Privacy & Information Security Law Blog

On May 10, 2023, the Texas Senate passed H.B. 4, also known as the Texas Data Privacy and Security Act (“TDPSA”). The TDPSA now heads to a conference committee between the Texas Senate and House to rectify the differences between the Senate and House versions. If the TDPSA is signed into law, Texas could become the tenth state to enact comprehensive privacy legislation.

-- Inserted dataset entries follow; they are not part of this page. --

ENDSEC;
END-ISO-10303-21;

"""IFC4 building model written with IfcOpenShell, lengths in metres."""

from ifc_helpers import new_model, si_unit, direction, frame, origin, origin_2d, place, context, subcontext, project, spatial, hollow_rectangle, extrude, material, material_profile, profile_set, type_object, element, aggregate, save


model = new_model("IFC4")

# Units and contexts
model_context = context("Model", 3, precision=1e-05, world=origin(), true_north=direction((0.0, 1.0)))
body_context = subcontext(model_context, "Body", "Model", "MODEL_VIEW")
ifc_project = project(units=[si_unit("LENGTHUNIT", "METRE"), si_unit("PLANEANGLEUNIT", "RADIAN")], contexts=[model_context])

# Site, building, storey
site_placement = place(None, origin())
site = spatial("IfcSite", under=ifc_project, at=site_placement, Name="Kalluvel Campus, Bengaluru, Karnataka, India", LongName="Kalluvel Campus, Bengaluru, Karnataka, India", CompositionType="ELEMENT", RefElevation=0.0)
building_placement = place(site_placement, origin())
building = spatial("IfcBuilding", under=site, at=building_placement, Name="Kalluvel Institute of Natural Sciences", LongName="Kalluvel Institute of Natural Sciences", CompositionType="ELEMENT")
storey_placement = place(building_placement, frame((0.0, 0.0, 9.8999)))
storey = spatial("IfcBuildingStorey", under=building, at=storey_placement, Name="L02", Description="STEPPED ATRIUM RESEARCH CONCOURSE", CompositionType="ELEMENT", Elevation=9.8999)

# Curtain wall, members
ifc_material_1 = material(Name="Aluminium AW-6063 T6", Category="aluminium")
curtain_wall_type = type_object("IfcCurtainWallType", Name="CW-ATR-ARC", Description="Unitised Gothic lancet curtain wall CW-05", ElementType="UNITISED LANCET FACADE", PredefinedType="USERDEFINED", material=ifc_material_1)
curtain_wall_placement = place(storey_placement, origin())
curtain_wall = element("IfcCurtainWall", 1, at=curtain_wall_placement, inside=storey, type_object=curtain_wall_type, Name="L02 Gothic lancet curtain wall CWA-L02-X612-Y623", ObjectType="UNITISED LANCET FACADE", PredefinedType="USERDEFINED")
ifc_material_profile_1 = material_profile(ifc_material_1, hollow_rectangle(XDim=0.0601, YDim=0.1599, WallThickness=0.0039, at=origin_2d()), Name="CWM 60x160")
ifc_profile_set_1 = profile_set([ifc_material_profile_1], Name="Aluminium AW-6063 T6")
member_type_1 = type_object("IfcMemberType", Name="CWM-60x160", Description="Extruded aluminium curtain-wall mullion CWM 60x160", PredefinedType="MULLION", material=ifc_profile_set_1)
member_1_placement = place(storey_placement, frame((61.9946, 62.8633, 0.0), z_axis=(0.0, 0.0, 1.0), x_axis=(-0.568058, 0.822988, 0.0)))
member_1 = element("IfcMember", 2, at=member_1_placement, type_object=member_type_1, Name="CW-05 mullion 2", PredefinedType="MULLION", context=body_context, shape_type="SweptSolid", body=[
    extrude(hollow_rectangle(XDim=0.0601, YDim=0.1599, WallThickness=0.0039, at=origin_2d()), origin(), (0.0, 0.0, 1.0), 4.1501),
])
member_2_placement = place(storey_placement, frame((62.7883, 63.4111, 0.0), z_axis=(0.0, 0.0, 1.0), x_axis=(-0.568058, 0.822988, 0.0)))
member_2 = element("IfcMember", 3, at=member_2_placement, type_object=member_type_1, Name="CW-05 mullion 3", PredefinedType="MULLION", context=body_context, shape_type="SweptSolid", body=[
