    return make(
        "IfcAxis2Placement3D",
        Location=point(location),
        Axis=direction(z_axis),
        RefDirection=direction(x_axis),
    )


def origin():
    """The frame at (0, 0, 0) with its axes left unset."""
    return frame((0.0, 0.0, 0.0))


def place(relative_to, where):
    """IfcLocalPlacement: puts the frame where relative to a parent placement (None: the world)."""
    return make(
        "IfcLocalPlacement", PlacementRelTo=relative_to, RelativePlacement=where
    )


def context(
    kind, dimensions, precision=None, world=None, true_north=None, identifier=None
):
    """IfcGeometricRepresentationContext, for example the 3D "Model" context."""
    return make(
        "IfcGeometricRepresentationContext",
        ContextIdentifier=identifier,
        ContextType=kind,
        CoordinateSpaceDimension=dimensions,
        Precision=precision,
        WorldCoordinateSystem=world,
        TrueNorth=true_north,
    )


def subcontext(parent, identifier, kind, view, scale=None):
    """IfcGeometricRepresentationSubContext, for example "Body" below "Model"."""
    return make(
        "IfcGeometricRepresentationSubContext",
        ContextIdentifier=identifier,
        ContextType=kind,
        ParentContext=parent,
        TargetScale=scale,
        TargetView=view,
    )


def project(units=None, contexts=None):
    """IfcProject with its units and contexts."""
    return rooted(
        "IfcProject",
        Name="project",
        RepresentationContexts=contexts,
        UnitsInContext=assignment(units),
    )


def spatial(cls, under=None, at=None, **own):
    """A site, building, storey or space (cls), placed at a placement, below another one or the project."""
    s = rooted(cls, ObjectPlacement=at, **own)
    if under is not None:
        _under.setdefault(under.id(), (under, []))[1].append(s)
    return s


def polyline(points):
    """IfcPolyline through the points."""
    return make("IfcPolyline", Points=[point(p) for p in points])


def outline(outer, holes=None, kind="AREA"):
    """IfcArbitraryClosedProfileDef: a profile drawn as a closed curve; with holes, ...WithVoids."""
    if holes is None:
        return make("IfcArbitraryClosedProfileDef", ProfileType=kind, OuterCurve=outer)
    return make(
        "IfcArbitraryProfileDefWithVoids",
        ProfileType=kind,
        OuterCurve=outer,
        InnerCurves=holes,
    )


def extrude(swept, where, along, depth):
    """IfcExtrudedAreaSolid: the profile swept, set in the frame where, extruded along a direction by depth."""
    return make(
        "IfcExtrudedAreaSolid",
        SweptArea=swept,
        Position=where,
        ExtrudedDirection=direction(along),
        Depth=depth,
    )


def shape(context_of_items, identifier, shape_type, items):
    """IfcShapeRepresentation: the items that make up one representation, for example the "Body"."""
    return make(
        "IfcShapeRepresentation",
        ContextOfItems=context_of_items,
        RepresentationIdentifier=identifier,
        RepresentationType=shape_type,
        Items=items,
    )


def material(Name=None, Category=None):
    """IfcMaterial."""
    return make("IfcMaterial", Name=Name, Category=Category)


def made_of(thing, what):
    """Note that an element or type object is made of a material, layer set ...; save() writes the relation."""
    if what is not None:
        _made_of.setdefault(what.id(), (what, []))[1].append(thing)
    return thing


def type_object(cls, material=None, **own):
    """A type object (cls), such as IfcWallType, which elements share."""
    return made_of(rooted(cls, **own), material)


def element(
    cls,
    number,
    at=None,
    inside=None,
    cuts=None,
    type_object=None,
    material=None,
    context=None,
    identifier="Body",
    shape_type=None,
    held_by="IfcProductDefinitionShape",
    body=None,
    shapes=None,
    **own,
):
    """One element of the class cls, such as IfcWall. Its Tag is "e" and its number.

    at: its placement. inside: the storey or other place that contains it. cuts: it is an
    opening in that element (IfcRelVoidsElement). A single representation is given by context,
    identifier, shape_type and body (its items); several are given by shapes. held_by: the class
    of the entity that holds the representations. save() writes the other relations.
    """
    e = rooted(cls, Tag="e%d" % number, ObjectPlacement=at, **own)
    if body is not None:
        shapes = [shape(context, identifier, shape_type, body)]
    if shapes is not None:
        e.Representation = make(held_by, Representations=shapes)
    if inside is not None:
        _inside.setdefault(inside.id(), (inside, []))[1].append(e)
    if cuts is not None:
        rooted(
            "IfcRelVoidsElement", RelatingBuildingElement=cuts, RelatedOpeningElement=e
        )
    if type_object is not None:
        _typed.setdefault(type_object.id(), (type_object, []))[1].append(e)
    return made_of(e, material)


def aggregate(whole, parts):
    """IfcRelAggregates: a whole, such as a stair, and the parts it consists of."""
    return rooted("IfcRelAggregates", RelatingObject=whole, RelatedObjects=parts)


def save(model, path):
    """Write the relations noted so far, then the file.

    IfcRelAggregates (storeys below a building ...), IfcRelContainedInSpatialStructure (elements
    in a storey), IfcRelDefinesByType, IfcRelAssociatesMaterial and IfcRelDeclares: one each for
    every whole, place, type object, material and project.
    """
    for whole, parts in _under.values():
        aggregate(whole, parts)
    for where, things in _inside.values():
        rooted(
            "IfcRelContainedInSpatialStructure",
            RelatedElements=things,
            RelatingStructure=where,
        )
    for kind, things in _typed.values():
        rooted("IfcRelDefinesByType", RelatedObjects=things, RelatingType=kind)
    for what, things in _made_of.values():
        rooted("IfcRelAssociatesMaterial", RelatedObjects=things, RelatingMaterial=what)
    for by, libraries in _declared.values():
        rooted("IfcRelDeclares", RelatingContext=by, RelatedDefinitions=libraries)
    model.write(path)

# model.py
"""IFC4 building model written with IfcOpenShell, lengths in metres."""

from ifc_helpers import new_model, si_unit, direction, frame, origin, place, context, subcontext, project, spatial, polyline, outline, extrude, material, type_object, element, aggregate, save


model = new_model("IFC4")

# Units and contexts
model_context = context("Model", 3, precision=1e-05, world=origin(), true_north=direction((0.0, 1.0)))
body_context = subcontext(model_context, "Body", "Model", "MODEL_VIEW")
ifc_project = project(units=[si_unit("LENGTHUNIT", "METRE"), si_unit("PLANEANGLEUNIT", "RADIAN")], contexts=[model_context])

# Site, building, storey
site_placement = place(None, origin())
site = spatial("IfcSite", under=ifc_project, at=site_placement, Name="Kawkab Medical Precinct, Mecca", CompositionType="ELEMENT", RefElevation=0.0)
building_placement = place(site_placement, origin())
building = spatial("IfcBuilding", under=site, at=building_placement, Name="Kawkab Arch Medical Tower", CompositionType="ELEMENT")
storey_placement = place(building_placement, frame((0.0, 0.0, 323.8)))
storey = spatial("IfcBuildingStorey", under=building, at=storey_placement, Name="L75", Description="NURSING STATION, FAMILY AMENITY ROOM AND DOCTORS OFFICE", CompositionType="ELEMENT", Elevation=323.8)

In addition to the provisions of H.B. 1844, the TDPSA:

• Revises the definition of personal data to include pseudonymous data only when the data is used by a controller or a processor in conjunction with additional information that reasonably links the data to an identified or an identifiable individual;
• Adds a requirement that if a controller sells sensitive or biometric data, the controller must disclose that fact in its privacy policy;
• Requires small businesses, as defined by the United States Small Business Administration, to receive consent from consumers before selling consumers’ sensitive data;
• Directs the Texas Attorney General to provide (1) information outlining consumer rights and the responsibilities of controllers and processors under the TDPSA, and (2) an Internet mechanism for submitting consumer complaints; and
• Introduces prescriptive requirements for curing a violation.

Update: On June 18, 2023, Governor Greg Abbott signed House Bill 4 into law, making Texas the eleventh state to enact a comprehensive privacy law. Most of the provisions of the TDPSA will take effect on July 1, 2024. Certain provisions regarding submitting requests via authorized agents will take effect on January 1, 2025.